Beantwoording vragen van de leden Ten Broeke en Zijlstra over de verstrekking van fruit aan scholieren
09-07-2008 | Kamerstuk | Nederlands Ministerie van Buitenlandse Zaken
Graag bied ik u hierbij, mede namens de minister van Landbouw, Natuur en Voedselkwaliteit, de antwoorden aan op de schriftelijke vragen gesteld door de leden Ten Broeke en Zijlstra over de verstrekking van fruit aan scholieren op basis van besluitvorming door de Europese Commissie. Deze vragen werden ingezonden op 20 juni 2008 met kenmerk 2070823360.

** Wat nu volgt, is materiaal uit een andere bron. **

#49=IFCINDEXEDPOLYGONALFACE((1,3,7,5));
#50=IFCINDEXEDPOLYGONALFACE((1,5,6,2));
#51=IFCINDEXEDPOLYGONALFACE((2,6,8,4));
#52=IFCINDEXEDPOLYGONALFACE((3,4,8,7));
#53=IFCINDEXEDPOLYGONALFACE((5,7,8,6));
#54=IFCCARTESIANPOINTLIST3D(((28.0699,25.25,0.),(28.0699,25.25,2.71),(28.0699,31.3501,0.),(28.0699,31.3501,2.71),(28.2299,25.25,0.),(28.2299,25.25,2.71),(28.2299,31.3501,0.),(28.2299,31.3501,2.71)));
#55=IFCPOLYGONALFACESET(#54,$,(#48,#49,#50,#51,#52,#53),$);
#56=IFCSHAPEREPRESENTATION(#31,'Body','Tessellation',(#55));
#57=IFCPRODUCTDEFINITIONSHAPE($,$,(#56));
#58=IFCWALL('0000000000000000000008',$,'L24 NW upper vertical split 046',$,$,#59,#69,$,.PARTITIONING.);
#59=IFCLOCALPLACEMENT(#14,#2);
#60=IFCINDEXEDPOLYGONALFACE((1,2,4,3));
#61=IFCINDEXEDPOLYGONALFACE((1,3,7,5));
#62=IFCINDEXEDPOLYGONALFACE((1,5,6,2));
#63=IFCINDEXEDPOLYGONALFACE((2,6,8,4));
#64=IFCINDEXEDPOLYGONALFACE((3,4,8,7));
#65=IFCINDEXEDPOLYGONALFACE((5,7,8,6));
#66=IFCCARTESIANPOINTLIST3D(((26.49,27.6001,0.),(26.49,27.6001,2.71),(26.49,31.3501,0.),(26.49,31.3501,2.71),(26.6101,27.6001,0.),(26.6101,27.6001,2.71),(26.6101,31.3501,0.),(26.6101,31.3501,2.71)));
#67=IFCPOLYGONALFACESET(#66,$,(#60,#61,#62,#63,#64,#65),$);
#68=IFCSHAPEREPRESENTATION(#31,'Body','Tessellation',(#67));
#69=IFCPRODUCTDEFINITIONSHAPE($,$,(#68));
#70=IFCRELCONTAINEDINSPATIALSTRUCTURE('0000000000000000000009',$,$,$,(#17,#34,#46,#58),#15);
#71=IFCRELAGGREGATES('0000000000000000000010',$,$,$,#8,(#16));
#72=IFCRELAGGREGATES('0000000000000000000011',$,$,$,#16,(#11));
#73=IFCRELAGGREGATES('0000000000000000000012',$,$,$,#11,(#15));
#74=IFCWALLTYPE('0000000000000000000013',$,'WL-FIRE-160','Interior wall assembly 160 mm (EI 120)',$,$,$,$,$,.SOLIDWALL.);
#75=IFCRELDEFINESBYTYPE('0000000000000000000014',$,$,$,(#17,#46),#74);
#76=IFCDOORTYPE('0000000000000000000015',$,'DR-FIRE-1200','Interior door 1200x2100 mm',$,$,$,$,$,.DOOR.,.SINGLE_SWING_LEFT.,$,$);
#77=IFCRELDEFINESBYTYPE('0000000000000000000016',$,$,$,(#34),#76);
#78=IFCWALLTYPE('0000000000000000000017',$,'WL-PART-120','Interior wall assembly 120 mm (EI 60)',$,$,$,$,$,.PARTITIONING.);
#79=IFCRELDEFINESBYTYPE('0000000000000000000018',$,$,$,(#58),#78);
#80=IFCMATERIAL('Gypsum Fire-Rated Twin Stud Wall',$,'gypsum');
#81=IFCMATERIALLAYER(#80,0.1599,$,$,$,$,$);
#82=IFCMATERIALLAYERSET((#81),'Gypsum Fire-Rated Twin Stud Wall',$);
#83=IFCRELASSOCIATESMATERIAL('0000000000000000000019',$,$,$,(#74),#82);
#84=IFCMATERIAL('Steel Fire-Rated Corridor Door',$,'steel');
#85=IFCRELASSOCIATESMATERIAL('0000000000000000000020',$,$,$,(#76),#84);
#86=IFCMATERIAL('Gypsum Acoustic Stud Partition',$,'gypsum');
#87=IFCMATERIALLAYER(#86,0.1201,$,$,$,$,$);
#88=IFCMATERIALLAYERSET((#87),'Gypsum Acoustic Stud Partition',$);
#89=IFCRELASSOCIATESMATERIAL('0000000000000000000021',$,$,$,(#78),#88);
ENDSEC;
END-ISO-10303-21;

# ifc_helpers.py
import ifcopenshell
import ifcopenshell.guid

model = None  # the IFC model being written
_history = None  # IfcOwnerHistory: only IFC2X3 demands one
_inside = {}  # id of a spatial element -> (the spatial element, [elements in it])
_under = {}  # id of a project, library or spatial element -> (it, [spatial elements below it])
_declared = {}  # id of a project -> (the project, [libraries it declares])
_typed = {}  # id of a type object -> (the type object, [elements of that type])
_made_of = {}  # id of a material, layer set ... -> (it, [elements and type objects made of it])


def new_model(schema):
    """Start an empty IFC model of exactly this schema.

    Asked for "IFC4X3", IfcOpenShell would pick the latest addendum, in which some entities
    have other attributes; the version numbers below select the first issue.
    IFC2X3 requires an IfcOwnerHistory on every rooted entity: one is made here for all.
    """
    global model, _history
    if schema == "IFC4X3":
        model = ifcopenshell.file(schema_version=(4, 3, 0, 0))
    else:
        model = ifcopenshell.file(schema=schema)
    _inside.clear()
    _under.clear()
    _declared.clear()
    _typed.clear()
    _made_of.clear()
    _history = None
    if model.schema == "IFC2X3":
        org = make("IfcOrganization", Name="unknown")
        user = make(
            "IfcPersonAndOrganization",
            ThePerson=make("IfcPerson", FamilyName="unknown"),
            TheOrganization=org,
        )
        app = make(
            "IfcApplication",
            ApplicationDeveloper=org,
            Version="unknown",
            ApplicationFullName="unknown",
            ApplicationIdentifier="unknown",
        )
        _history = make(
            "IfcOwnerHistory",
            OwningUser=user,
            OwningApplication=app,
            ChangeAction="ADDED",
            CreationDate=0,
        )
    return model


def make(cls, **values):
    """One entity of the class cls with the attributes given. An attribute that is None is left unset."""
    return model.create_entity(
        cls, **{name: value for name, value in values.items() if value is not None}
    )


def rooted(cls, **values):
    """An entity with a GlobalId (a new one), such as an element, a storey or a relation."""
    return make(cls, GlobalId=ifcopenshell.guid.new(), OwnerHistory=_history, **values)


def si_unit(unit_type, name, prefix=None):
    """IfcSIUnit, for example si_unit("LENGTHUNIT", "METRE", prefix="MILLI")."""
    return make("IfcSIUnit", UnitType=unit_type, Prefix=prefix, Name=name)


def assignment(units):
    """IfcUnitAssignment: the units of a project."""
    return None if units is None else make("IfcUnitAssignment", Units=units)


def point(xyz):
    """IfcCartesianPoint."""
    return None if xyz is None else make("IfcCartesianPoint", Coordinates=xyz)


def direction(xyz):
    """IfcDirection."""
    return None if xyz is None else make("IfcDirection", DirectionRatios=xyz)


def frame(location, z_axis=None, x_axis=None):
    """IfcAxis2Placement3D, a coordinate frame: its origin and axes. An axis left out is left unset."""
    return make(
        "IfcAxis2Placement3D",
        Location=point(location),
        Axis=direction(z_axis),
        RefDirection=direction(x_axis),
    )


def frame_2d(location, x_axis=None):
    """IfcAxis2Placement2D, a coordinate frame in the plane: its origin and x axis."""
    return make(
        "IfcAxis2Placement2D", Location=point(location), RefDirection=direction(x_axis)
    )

De staatssecretaris voor Europese Zaken,
Frans Timmermans
Antwoorden van de heer Timmermans, staatssecretaris voor Europese Zaken, op vragen van de leden Ten Broeke en Zijlstra (beiden VVD) over schoolfruit.
Vraag 1
Heeft u kennisgenomen van het voornemen van de Europese Commissie om in 2009 90 miljoen euro vrij te maken ten behoeve van het uitdelen van fruit aan scholieren in de Europese Unie?1
Vraag 2
Gaat het daarbij wellicht ook om (een dirigistische vorm van) afzetbevordering? Zo ja, waarom is dat dan niet terug te vinden in de berichtgeving?
Vraag 3
Wordt van de lidstaten verwacht dat ook zij voor dit programma gelden beschikbaar stellen en worden de bijdragen afgestemd op de draagkracht van de betreffende lidstaten resp. regio's?
Vraag 4
Meent u dat dit voornemen van de Europese commissie in overeenstemming is met het subsidiariteitsbeginsel resp. met de bevoegdheden van de nationale overheden ten aanzien van (o.m.) de beleidsterreinen volksgezondheid en onderwijs? Zo ja, kunt u dat dan toelichten? Is de nationale overheid niet in staat dergelijke beslissingen zelf te nemen ten aanzien van de eigen scholen? Zo neen, waarom niet? Is dit voornemen van de Europese commissie in lijn met een Europese Unie die de nationale beleidsvrijheid respecteert? Zo ja, kunt u dat dan toelichten?
Vraag 5
Wat is uw mening over het EU-brede dirigistische karakter van dit voornemen en het afwijken van de traditionele consumentenvrijheid in de EU waarbij er sowieso alle ruimte is voor voorlichting en advisering door overheden omtrent de voors en tegens van consumptiepatronen?
Antwoord
Zoals in de antwoorden op vragen van de leden Ten Broeke en Schippers van 22 april 2008 is aangegeven heeft de Raad (Landbouw en Visserij) van 20 juni 2007 met unanimiteit een verklaring aangenomen waarin de Europese Commissie wordt gevraagd om een voorstel te doen voor een regeling voor schoolfruit, gebaseerd op een effectbeoordeling van de voordelen, de haalbaarheid en de administratieve kosten ervan. Naar verwachting zal de Europese Commissie vóór de zomervakantie het voorstel voor een schoolfruitprogramma presenteren. Ik wil dat voorstel eerst afwachten. Overeenkomstig de bestaande afspraken zal ik u dan een fiche aanbieden die wordt opgesteld door de werkgroep Beoordeling Nieuwe Commissievoorstellen (BNC). Daarin zal op de door u genoemde punten worden ingegaan. Vanzelfsprekend zal Nederland het voorstel beoordelen op eventuele (administratieve) gevolgen voor onder andere scholen.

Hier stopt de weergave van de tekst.